Yerel pazarlardaki adayların kariyerlerinde ulaşmak istedikleri hedefi iyi algılamanız ve organizasyonunuzun bu hedeflere ulaşılmasını nasıl sağlayabileceğini göstermeniz gerekir.
2. İpucu: işveren markasına göre çeşitli muhataplara yönelik mesaj verme
Bir işverenin sunduğu önde gelen vasıflar her ne kadar halen yüksek ücret ve yardımlar ise de, bunların küresel olarak Y kuşağı içindeki cazibesi önemli ölçüde azalmaktadır. Randstad Award, Hindistan’daki adayların işverenden en fazla beklediği özelliğin şirket mali gücü olduğunu; öte yandan Çin’deki şirketlerin sunduğu mesleki eğitim ve geliştirme programlarının yerel yetenekler için en cazip nitelik olduğunu ortaya koydu.
“Herkese uyan tek beden” yaklaşımından uzak durunuz ve her pazardaki muhataplarınıza yönelik doğru mesajları vurgulayınız. Girdiğiniz her pazara özgü mesajınızın bir marka elçisi tarafından iletilmesine izin veriniz.
3. İpucu: pro-aktif liderlik geliştirme ile “cam tavanı” tuzla buz edin
Randstad Award, gelişmekte olan ekonomilerdeki profesyonellerin çalıştıkları şirketi terk etme kararının en önde gelen nedeninin bir kariyer beklentisinden yoksun olmaları olarak belirledi. Çin’de, çok sayıda çokuluslu canlı bilim şirketi, pazara ilk girdiklerinde üst düzey pozisyonların çoğuna kendi vatandaşlarını atadı. Hatta orada yıllarca süren faaliyetlerinin ardından bile bu uygulama çoğu üst düzey pozisyonlara yapılan atamalarda geçerliydi ve yerellerin desteklenmesi çabaları nispeten geçici oldu. Kendi ülkelerinin üstün başarılılarının birçoğu, kariyer fırsatlarını sınırlayan “tavana” ulaştıklarını hissettiklerinden çokuluslu firmaları terk etmeyi seçtiler. Oysa hızla büyüyen Çinli şirketler, orta ve üst düzey yöneticilerini büyük liderlik geliştirme fırsatlarıyla cömertçe yetkilendiriyorlar.
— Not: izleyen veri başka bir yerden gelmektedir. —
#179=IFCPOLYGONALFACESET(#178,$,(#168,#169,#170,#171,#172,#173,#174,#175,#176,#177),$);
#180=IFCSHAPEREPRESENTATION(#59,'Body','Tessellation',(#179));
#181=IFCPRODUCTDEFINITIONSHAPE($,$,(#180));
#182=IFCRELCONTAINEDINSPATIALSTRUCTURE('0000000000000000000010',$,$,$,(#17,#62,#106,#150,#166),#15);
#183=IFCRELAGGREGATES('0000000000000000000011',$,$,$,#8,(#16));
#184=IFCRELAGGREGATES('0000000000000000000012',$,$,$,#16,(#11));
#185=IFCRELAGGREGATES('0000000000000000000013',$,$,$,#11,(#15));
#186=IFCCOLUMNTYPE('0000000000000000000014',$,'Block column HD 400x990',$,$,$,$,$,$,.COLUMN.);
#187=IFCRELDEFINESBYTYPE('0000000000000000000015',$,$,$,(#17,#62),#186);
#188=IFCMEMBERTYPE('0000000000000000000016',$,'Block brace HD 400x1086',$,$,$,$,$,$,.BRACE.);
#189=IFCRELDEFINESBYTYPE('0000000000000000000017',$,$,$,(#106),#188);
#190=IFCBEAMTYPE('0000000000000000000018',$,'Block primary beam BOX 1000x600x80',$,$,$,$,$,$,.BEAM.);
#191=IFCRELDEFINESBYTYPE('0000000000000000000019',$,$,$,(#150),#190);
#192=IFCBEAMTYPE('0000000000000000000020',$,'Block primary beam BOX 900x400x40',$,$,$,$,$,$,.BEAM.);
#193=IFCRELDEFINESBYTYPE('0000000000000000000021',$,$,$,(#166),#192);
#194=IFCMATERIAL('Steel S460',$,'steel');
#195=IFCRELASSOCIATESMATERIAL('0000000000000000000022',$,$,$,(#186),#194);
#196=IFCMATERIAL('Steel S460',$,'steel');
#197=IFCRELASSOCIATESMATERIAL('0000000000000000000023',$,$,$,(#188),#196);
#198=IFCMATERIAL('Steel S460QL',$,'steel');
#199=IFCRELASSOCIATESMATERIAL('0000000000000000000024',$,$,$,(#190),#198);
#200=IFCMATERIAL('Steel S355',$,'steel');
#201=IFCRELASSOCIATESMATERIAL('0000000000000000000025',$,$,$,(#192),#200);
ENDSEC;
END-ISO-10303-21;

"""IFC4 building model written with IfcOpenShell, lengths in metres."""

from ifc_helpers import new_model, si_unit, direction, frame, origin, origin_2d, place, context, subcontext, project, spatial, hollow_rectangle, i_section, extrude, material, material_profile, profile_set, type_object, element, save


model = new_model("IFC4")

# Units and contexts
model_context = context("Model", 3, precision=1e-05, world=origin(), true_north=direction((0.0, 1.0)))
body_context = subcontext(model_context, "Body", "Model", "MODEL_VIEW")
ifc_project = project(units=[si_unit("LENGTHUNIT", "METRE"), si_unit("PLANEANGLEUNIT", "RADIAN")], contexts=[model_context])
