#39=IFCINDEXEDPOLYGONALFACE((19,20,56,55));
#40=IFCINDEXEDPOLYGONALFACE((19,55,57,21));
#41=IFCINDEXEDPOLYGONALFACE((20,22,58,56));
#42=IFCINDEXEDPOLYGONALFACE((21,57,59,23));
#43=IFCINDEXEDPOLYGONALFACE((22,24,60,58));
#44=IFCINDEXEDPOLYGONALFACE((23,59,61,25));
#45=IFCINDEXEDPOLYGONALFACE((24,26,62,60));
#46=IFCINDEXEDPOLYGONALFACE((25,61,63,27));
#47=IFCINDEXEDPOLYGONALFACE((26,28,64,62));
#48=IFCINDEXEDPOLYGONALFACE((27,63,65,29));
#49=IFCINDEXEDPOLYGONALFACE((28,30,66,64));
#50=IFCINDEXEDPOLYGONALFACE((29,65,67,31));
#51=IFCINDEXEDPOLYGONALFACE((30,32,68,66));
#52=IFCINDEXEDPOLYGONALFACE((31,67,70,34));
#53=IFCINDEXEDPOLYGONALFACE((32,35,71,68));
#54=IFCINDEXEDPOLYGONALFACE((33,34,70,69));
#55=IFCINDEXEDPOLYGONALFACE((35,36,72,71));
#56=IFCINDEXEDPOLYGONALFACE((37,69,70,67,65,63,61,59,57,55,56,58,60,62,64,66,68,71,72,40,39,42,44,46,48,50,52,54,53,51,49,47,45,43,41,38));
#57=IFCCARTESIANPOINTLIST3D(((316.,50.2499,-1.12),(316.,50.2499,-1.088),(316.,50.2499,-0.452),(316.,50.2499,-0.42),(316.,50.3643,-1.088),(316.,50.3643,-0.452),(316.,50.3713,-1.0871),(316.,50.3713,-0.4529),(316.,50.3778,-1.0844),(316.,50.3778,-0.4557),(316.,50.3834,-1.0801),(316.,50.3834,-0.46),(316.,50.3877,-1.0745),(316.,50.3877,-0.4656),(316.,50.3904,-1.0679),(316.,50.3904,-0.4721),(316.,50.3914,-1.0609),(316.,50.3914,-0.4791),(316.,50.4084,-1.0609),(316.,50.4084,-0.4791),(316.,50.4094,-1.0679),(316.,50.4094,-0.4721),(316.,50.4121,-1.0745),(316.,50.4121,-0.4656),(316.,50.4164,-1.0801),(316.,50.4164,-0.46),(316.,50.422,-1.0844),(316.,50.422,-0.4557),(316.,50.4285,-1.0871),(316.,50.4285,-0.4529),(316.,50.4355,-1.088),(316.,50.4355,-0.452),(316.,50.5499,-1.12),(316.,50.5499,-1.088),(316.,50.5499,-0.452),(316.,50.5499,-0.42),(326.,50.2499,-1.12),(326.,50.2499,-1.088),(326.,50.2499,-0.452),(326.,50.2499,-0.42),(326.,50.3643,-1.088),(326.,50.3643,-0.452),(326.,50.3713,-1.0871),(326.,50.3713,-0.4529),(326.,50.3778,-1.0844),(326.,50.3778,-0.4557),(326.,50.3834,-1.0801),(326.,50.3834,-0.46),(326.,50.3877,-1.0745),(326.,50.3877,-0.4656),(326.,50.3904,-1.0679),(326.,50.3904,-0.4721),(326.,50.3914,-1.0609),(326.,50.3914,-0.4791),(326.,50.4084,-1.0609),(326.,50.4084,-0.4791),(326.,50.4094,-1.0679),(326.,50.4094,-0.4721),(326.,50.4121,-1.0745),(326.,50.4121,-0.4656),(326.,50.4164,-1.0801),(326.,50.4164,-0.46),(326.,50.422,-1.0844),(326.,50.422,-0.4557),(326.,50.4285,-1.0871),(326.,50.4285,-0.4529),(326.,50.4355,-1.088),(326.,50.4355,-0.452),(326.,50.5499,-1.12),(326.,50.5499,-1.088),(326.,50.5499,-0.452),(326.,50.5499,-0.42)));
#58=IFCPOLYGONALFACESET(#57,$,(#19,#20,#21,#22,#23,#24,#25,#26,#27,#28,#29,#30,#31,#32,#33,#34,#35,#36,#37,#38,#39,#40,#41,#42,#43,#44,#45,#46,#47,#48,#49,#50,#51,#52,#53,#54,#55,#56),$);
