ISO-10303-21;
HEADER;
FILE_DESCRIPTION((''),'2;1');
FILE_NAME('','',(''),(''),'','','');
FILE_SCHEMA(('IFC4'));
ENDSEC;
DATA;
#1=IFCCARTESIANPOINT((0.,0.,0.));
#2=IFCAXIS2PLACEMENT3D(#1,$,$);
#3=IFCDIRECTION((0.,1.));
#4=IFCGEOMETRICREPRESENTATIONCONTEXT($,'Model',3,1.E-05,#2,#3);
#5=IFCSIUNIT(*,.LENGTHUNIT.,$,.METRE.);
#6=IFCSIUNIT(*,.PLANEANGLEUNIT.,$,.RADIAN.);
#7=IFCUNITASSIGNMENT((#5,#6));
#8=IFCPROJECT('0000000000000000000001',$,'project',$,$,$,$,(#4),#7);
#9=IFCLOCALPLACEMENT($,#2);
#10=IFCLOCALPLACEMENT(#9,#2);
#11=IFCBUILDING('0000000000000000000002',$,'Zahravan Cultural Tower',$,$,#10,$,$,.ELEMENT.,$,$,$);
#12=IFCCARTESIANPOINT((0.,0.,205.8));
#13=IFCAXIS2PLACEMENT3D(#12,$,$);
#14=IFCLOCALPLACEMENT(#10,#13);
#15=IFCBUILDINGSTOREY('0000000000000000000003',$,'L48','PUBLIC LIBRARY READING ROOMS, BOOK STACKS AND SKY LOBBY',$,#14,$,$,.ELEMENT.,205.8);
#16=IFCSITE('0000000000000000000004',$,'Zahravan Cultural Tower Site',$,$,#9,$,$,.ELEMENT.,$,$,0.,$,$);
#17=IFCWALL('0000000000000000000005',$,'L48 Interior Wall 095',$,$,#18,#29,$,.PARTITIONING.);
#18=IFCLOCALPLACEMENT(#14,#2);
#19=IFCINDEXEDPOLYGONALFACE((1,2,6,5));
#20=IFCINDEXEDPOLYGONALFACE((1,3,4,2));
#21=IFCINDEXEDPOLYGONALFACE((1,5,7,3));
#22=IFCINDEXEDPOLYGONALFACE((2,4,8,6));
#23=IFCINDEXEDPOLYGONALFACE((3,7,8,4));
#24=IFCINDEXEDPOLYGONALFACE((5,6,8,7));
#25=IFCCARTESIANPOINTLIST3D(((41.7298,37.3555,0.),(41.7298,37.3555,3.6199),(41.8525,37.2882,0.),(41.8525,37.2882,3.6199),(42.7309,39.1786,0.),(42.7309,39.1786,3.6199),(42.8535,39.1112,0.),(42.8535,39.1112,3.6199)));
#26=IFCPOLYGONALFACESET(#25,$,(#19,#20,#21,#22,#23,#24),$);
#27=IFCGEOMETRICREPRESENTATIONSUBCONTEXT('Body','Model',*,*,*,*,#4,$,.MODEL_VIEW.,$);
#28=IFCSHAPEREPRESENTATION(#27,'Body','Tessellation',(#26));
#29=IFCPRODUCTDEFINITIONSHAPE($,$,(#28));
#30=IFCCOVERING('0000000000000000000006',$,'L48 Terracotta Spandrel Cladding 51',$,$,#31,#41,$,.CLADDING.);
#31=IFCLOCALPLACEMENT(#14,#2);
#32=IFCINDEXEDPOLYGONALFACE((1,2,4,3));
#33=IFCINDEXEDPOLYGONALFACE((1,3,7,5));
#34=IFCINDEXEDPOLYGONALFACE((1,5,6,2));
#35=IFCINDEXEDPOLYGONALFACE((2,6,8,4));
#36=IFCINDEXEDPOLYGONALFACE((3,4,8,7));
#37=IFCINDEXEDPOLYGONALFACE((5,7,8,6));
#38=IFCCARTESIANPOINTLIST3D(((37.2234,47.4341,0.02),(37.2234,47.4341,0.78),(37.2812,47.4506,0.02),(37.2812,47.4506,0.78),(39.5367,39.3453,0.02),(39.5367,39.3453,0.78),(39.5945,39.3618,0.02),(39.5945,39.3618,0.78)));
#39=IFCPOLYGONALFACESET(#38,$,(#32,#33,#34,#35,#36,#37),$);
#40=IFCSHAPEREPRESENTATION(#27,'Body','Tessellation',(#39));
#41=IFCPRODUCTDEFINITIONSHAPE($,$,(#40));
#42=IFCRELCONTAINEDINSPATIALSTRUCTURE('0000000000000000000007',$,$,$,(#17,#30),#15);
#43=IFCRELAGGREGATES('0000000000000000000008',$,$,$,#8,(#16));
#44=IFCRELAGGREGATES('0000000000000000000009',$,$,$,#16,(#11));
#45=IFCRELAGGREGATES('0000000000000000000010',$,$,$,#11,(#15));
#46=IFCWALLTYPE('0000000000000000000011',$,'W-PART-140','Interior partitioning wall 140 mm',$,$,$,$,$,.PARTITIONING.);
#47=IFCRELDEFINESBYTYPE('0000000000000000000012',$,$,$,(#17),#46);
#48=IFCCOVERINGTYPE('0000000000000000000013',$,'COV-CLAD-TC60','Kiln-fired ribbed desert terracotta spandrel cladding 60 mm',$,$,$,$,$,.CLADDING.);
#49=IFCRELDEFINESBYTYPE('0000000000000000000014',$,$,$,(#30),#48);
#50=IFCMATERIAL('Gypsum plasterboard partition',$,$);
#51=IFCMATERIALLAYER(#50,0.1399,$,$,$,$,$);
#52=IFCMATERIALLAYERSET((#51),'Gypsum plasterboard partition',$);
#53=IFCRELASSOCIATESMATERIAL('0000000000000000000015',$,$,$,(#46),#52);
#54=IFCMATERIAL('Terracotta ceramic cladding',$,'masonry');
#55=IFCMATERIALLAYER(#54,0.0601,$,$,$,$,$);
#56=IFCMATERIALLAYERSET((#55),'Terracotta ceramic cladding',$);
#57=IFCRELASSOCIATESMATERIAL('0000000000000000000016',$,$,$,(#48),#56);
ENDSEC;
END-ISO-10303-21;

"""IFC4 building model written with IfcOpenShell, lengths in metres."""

from ifc_helpers import new_model, si_unit, direction, frame, frame_2d, origin, origin_2d, place, context, subcontext, project, spatial, rectangle, extrude, source, transform, mapped, material, layer, layer_set, type_object, element, save


model = new_model("IFC4")

# Units and contexts
model_context = context("Model", 3, precision=1e-05, world=origin(), true_north=direction((0.0, 1.0)))
body_context = subcontext(model_context, "Body", "Model", "MODEL_VIEW")
ifc_project = project(units=[si_unit("LENGTHUNIT", "METRE"), si_unit("PLANEANGLEUNIT", "RADIAN")], contexts=[model_context])

# Site, building, storey
site_placement = place(None, origin())
site = spatial("IfcSite", under=ifc_project, at=site_placement, Name="Zahravan Cultural Tower Site", CompositionType="ELEMENT", RefElevation=0.0)
building_placement = place(site_placement, origin())
building = spatial("IfcBuilding", under=site, at=building_placement, Name="Zahravan Cultural Tower", CompositionType="ELEMENT")
storey_placement = place(building_placement, frame((0.0, 0.0, 205.8)))
storey = spatial("IfcBuildingStorey", under=building, at=storey_placement, Name="L48", Description="PUBLIC LIBRARY READING ROOMS, BOOK STACKS AND SKY LOBBY", CompositionType="ELEMENT", Elevation=205.8)

# Wall
ifc_material_1 = material(Name="Gypsum plasterboard partition")
ifc_layer_1 = layer(ifc_material_1, 0.1399)
ifc_layer_set_1 = layer_set([ifc_layer_1], Name="Gypsum plasterboard partition")
wall_type_1 = type_object("IfcWallType", Name="W-PART-140", Description="Interior partitioning wall 140 mm", PredefinedType="PARTITIONING", material=ifc_layer_set_1)
shared_shape_1 = source(origin(), body_context, "Body", "SweptSolid", [
    extrude(rectangle(XDim=2.0798, YDim=0.1399, at=frame_2d((1.04, 0.0))), origin(), (0.0, 0.0, 1.0), 3.6199),
])
wall_1_placement = place(storey_placement, frame((42.7922, 39.145, 0.0), z_axis=(0.0, 0.0, 1.0), x_axis=(-0.481301, -0.876555, 0.0)))
element("IfcWall", 1, at=wall_1_placement, inside=storey, type_object=wall_type_1, Name="L48 Interior Wall 095", PredefinedType="PARTITIONING", context=body_context, shape_type="MappedRepresentation", body=[
    mapped(shared_shape_1, transform((0.0, 0.0, 0.0), x_axis=(1.0, 0.0, 0.0), y_axis=(0.0, 1.0, 0.0), z_axis=(0.0, 0.0, 1.0), scale=1.0)),
])

# Covering
ifc_material_2 = material(Name="Terracotta ceramic cladding", Category="masonry")
ifc_layer_2 = layer(ifc_material_2, 0.0601)
ifc_layer_set_2 = layer_set([ifc_layer_2], Name="Terracotta ceramic cladding")
covering_type = type_object("IfcCoveringType", Name="COV-CLAD-TC60", Description="Kiln-fired ribbed desert terracotta spandrel cladding 60 mm", PredefinedType="CLADDING", material=ifc_layer_set_2)
shared_shape_2 = source(origin(), body_context, "Body", "SweptSolid", [
    extrude(rectangle(XDim=8.4131, YDim=0.0601, at=origin_2d()), origin(), (0.0, 0.0, 1.0), 0.76),
])
covering_placement = place(storey_placement, frame((38.4089, 43.3979, 0.02), z_axis=(0.0, 0.0, 1.0), x_axis=(0.274966, -0.961454, 0.0)))
element("IfcCovering", 2, at=covering_placement, inside=storey, type_object=covering_type, Name="L48 Terracotta Spandrel Cladding 51", PredefinedType="CLADDING", context=body_context, shape_type="MappedRepresentation", body=[
    mapped(shared_shape_2, transform((0.0, 0.0, 0.0), x_axis=(1.0, 0.0, 0.0), y_axis=(0.0, 1.0, 0.0), z_axis=(0.0, 0.0, 1.0), scale=1.0)),
])

save(model, "model.ifc")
Geleceğin yerli liderlerinin gelişmesi için İK işlevinden proaktif yönetim almak gereklidir. Yüksek potansiyeli olan yeteneklerin kritik pozisyonlara atanması gerekir ve onlara bireysel ihtiyaca göre hazırlanmış liderlik geliştirme programı uygulanmalı, gelişmeleri yakından izlenmelidir.
Kısaca, canlı bilim sektörünün geleceği büyük ölçüde gelişmekte olan pazarlardaki başarılarına bağlıysa sektörün başarısını, şirketlerin yerel yetenek piyasasına tepkisinin ve uyumunun iyiliği belirleyecektir. BRIC uluslarının ardından yeni bir dizi gelişmekte olan ekonomi de –Endonezya, Güney Afrika, Vietnam, Meksika, Türkiye ve Arjantin- kendilerini iş dünyasının liderlerinin radarına sokarak kullanılmamış fırsatlar zenginliği sunuyor.
İş dünyasının liderlerine son önerim: uluslararası yayılma ve yetenek rekabeti çağında, gelişmekte olan pazarların tüm potansiyellerini ortaya çıkarmanın yolu, yetenek yönetiminizle “global-lokal” olabilme sanatına vakıf olmaktır. Küresel bir bakış açısına ve yerel yaklaşıma, bir de marka elçisine ihtiyacınız bulunmaktadır.